Phragmipedium Scarlet O'Hara 5th Flower ns 9.7







Jon


----------



## Heather (Mar 13, 2008)

Umm, one of my favorites!


----------



## Elena (Mar 13, 2008)

Beauty!


----------



## Candace (Mar 13, 2008)

Aptly named too.


----------



## rdlsreno (Mar 13, 2008)

Nice Color!!!!


Ramon


----------



## SlipperFan (Mar 13, 2008)

Looking good!


----------



## Park Bear (Mar 13, 2008)

wonderful color


----------



## Bolero (Mar 16, 2008)

Oh my god! The colour!


----------



## Tom499 (Mar 16, 2008)

Stunning Phrag :drool:


----------



## KyushuCalanthe (Mar 16, 2008)

I do declare Miss Scarlet!


----------



## NYEric (Mar 16, 2008)

Yay besseae hybrids!


----------



## Drorchid (Mar 18, 2008)

What parents were used?

Robert


----------



## streetmorrisart (Mar 18, 2008)

Wow, that is really fine--outrageous color!


----------



## GuRu (Mar 19, 2008)

This is what I call *red* and scarlet is a really correct.
Best regards from Germany, GuRu


----------



## JDY (Mar 19, 2008)

Drorchid said:


> What parents were used?
> 
> Robert



(besseae 'Fire Wings' x Jason Fischer 'Super Red')


----------



## Drorchid (Mar 20, 2008)

I thought it looked familiar  That means it came from us (Orchids Limited). I am the one who made the cross. It is nice to see one of my babies all grown up.

Do you know that that is probably a triploid Scarlet O'Hara? The Jason Fischer that we used is a tetraploid. I haven't seen too many other Scarlet O'Hara's on the market besides the ones that we made. Does anyone else have a Scarlet O'Hara from a different vendor; I would be curious to see if it would look different.

Thanks for posting!

Robert


----------



## NYEric (Mar 20, 2008)

Yes.


----------



## Drorchid (Mar 20, 2008)

Do you have a picture? 

Robert


----------



## NYEric (Mar 20, 2008)

No, not BS yet!  Isn't this originally a H.P. Norton cross?!


----------



## Drorchid (Mar 20, 2008)

Yes, it was originally made by H.P

Robert


----------



## NYEric (Mar 20, 2008)

I have one that I got from Woodstream so I'm assuming it's his.
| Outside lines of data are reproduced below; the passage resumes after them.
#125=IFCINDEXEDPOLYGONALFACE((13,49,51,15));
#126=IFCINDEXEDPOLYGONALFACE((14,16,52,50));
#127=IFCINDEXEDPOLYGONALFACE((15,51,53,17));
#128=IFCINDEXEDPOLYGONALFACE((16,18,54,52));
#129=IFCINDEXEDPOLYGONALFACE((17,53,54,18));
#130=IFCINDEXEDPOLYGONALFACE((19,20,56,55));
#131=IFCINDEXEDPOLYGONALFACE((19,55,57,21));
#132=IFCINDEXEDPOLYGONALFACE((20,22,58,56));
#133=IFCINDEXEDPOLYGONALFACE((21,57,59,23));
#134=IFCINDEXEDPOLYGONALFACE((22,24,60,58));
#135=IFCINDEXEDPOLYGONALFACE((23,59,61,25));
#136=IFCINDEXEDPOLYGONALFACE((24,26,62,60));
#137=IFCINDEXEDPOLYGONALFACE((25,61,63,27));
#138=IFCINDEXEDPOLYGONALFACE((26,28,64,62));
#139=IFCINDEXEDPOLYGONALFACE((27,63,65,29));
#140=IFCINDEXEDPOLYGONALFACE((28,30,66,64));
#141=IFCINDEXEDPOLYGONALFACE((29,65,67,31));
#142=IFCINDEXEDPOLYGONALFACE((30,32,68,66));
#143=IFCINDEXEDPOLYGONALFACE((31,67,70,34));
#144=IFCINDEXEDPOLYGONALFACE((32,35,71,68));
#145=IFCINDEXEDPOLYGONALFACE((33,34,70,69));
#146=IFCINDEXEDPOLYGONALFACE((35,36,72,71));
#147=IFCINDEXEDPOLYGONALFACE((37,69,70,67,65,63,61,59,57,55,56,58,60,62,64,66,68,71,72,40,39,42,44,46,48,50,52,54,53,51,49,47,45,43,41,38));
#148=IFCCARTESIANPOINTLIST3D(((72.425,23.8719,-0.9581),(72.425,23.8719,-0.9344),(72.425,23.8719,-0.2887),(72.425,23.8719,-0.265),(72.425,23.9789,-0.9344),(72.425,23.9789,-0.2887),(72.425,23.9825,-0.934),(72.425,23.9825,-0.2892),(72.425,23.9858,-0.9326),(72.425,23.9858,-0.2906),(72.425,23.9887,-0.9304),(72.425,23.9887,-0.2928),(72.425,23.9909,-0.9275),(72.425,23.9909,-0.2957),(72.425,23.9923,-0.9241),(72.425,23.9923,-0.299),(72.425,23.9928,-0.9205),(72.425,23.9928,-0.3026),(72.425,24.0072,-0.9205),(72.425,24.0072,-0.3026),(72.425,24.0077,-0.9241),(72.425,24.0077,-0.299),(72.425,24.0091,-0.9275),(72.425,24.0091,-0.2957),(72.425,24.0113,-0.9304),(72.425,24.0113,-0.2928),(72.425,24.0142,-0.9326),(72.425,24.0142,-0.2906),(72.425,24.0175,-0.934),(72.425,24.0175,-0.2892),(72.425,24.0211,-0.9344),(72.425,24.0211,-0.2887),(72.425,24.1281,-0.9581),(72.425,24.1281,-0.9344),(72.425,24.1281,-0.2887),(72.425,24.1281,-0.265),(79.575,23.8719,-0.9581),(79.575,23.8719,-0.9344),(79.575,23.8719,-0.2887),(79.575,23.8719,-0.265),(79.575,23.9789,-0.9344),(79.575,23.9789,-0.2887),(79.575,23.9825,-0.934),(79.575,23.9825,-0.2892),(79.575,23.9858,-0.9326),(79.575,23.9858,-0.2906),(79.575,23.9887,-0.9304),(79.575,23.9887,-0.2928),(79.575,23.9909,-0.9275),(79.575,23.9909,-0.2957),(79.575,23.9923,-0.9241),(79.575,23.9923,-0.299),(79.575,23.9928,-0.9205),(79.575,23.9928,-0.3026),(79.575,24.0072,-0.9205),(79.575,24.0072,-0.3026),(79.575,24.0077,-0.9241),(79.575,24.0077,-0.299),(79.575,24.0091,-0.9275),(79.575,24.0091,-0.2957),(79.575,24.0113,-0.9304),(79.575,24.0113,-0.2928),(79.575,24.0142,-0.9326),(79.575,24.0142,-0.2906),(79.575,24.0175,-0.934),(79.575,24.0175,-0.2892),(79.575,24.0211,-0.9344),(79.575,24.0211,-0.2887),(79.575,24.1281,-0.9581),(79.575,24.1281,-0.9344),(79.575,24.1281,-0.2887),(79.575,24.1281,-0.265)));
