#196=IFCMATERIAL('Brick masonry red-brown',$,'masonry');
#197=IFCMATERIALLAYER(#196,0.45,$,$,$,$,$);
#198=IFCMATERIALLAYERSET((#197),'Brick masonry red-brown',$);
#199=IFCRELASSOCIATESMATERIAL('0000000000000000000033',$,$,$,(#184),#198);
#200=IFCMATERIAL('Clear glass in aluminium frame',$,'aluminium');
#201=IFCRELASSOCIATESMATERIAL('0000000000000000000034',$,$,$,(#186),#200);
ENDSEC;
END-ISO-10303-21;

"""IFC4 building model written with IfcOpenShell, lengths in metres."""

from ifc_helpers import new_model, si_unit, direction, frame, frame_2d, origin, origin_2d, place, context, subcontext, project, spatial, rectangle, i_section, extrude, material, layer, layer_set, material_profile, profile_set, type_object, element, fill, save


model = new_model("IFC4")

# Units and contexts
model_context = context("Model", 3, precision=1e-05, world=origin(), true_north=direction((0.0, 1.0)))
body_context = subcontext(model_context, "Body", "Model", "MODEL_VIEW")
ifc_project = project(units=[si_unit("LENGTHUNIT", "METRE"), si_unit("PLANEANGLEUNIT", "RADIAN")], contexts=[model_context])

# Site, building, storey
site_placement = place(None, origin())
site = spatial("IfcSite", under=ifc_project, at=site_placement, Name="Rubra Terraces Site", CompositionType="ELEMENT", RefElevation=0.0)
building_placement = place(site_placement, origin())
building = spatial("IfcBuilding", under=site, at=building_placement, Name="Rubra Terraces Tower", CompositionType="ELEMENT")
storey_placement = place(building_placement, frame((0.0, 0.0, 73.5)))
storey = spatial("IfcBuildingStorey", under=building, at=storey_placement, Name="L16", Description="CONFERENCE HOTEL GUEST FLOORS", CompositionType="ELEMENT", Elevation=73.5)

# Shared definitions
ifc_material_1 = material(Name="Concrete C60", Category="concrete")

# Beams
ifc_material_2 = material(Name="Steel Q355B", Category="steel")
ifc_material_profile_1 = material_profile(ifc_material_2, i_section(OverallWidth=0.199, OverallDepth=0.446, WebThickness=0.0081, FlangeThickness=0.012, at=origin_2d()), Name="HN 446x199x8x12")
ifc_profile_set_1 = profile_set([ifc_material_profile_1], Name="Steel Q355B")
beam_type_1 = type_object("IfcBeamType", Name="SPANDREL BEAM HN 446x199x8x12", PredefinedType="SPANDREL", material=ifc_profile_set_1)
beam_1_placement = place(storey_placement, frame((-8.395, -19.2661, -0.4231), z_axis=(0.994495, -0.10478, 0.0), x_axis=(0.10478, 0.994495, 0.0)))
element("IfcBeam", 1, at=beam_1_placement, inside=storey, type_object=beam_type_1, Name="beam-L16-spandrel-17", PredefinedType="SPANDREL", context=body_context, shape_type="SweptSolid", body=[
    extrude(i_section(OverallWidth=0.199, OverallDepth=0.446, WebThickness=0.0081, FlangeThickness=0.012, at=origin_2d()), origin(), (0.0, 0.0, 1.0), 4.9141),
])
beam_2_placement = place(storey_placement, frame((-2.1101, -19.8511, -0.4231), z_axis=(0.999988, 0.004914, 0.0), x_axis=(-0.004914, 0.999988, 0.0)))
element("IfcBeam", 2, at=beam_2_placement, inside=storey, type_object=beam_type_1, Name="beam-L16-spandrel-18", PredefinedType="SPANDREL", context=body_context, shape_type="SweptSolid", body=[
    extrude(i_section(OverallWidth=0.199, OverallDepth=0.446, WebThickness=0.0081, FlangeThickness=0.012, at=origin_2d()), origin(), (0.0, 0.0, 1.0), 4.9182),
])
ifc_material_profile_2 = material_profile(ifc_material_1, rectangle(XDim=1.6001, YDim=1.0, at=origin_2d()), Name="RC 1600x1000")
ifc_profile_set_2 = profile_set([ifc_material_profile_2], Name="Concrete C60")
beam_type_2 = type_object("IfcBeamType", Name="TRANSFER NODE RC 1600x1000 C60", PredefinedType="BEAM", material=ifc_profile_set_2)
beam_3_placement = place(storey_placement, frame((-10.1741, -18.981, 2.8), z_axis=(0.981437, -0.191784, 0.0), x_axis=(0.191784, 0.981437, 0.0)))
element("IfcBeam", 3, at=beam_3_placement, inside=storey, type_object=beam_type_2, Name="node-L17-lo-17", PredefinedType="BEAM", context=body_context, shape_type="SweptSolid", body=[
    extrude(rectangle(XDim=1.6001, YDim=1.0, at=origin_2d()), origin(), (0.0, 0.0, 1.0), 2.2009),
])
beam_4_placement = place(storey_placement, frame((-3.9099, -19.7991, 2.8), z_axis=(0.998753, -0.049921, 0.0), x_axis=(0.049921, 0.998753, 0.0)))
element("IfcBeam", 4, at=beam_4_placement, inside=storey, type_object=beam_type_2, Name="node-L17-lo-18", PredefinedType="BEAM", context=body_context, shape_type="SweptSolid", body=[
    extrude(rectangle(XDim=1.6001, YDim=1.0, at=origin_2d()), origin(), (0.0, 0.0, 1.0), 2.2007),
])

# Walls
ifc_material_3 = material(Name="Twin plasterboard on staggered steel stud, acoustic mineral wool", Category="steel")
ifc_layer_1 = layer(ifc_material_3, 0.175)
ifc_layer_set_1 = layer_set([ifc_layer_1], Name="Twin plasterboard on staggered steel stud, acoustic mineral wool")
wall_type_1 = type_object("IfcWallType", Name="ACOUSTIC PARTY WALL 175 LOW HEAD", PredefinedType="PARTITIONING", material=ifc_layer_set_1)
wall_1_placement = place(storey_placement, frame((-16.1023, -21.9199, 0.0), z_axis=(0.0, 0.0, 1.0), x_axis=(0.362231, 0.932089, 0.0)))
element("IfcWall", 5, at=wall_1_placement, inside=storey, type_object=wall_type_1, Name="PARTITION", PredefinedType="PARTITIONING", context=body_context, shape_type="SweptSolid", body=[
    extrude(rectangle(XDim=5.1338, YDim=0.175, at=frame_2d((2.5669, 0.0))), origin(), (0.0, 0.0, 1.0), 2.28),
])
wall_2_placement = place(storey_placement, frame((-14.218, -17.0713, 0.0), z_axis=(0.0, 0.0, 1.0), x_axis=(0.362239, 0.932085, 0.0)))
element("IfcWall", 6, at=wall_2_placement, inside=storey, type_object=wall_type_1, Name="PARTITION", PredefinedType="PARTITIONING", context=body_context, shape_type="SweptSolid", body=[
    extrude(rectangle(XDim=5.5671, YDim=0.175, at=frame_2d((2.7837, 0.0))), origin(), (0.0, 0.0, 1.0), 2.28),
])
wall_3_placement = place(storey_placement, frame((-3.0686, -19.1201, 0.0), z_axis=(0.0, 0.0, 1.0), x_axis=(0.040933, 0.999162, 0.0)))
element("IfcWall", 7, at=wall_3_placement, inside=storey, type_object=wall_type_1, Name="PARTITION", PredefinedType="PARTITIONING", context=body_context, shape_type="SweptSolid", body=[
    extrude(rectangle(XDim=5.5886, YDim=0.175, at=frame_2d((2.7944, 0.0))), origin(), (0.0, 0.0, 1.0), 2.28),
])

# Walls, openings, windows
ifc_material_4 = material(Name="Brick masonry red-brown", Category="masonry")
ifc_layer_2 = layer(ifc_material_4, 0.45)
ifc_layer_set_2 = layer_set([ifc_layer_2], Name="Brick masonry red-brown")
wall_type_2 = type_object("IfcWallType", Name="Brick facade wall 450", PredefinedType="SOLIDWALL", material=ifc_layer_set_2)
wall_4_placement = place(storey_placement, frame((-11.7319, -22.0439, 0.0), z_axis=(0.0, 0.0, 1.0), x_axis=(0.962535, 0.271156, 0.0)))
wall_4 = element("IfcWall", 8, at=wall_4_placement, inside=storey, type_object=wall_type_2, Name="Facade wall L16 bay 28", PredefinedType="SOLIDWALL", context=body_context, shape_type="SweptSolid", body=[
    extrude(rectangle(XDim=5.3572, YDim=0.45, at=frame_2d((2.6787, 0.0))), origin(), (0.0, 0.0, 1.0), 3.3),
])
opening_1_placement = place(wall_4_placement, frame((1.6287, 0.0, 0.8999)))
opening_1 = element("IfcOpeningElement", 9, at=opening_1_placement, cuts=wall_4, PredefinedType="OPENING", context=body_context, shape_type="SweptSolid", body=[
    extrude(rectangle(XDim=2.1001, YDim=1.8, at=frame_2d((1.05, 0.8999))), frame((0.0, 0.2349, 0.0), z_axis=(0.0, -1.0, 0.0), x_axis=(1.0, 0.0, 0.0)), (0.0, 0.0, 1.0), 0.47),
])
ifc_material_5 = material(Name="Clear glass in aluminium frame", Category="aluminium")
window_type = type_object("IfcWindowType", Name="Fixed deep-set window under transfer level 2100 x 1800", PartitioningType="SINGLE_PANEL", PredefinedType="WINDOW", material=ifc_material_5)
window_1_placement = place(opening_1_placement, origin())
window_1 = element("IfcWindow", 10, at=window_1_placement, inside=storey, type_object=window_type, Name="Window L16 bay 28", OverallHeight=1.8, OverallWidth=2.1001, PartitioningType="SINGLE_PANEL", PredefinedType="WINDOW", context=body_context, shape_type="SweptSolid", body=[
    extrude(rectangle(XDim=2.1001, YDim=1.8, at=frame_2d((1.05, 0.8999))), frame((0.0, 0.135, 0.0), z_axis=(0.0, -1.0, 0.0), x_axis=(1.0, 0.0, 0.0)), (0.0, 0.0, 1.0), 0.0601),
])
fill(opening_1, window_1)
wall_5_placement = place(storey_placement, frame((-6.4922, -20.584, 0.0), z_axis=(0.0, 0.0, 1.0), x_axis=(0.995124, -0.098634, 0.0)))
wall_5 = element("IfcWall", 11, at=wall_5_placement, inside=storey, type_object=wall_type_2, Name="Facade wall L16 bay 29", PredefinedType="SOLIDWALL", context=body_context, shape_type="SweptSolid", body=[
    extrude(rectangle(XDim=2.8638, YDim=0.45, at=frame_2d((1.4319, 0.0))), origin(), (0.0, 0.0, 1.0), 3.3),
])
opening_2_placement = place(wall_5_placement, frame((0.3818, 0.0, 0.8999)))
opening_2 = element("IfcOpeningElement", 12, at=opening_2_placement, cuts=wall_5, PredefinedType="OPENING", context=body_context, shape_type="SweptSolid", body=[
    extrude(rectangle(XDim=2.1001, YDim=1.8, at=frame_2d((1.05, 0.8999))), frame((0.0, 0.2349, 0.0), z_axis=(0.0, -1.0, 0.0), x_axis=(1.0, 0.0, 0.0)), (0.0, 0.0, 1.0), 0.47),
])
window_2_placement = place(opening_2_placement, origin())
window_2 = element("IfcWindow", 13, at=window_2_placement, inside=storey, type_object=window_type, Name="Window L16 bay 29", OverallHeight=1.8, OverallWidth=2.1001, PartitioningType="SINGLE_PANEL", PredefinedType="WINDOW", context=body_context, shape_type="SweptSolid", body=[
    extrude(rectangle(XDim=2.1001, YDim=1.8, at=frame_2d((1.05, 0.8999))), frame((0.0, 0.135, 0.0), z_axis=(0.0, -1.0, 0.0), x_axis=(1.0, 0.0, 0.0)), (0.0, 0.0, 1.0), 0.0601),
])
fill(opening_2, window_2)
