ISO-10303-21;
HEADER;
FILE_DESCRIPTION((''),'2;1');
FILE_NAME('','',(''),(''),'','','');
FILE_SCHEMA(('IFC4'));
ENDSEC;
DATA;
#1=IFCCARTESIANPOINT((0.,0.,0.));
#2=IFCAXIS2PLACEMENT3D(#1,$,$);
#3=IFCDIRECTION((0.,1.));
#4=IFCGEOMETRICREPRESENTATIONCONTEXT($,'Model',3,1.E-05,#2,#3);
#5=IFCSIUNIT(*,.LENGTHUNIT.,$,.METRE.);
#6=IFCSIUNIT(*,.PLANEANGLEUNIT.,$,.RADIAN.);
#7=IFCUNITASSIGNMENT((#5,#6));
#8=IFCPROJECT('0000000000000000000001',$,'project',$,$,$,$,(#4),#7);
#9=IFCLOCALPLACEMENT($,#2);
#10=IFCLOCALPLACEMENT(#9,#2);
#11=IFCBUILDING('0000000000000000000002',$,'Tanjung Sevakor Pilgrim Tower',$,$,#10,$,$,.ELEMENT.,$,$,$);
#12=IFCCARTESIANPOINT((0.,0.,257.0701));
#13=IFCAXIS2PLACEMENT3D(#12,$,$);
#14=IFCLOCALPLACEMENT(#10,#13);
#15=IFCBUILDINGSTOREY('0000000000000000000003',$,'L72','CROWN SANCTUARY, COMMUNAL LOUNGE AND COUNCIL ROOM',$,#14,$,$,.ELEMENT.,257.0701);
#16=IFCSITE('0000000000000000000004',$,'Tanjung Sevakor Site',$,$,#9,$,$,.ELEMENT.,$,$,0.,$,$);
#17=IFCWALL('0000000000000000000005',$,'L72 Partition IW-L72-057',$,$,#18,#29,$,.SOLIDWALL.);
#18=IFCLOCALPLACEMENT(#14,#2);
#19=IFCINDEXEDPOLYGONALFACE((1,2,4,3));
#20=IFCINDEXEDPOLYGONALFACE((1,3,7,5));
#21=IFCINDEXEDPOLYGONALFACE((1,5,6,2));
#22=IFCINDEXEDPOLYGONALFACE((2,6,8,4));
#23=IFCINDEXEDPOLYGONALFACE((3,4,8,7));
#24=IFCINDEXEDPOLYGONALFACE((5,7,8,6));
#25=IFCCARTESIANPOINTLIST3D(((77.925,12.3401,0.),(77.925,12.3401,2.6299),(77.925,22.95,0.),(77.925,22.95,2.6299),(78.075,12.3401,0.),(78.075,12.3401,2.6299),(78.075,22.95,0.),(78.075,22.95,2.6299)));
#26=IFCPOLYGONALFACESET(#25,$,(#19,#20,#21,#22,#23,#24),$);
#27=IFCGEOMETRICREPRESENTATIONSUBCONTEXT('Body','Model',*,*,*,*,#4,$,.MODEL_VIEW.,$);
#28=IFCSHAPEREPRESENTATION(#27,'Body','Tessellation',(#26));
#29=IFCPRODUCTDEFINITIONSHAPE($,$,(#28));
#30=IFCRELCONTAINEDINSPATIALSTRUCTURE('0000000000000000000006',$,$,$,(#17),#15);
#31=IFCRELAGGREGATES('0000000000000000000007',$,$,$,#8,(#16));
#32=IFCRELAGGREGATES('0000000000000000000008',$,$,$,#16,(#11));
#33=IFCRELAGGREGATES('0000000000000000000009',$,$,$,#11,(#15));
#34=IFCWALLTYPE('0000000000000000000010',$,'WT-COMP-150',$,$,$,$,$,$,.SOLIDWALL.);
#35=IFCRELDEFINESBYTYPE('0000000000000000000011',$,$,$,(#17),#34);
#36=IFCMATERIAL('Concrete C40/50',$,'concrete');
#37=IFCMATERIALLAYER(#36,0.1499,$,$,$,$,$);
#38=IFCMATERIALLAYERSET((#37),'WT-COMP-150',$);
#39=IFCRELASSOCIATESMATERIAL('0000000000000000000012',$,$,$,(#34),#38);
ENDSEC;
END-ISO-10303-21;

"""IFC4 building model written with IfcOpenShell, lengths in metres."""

from ifc_helpers import new_model, si_unit, direction, frame, frame_2d, origin, place, context, subcontext, project, spatial, rectangle, extrude, material, layer, layer_set, type_object, element, save


model = new_model("IFC4")

# Units and contexts
model_context = context("Model", 3, precision=1e-05, world=origin(), true_north=direction((0.0, 1.0)))
body_context = subcontext(model_context, "Body", "Model", "MODEL_VIEW")
ifc_project = project(units=[si_unit("LENGTHUNIT", "METRE"), si_unit("PLANEANGLEUNIT", "RADIAN")], contexts=[model_context])

# Site, building, storey
site_placement = place(None, origin())
site = spatial("IfcSite", under=ifc_project, at=site_placement, Name="Tanjung Sevakor Site", CompositionType="ELEMENT", RefElevation=0.0)
building_placement = place(site_placement, origin())
building = spatial("IfcBuilding", under=site, at=building_placement, Name="Tanjung Sevakor Pilgrim Tower", CompositionType="ELEMENT")
storey_placement = place(building_placement, frame((0.0, 0.0, 257.0701)))
storey = spatial("IfcBuildingStorey", under=building, at=storey_placement, Name="L72", Description="CROWN SANCTUARY, COMMUNAL LOUNGE AND COUNCIL ROOM", CompositionType="ELEMENT", Elevation=257.0701)

# Wall
ifc_material_1 = material(Name="Concrete C40/50", Category="concrete")
ifc_layer_1 = layer(ifc_material_1, 0.1499)
ifc_layer_set_1 = layer_set([ifc_layer_1], Name="WT-COMP-150")
wall_type = type_object("IfcWallType", Name="WT-COMP-150", PredefinedType="SOLIDWALL", material=ifc_layer_set_1)
wall_placement = place(storey_placement, frame((78.0, 12.3401, 0.0), z_axis=(0.0, 0.0, 1.0), x_axis=(0.0, 1.0, 0.0)))
element("IfcWall", 1, at=wall_placement, inside=storey, type_object=wall_type, Name="L72 Partition IW-L72-057", PredefinedType="SOLIDWALL", context=body_context, shape_type="SweptSolid", body=[
    extrude(rectangle(XDim=10.6099, YDim=0.1499, at=frame_2d((5.3049, 0.0))), origin(), (0.0, 0.0, 1.0), 2.6299),
])

save(model, "model.ifc")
I also have the one fromyou that Heather said she didn't like! :evil: oke:

It's a joke please don't Mahon me!!!!


----------



## cwt (Mar 20, 2008)

The more I see, the more I like. Thanks for posting.


----------



## Brabantia (Mar 20, 2008)

A very nice besseae hybrid.Congrats


----------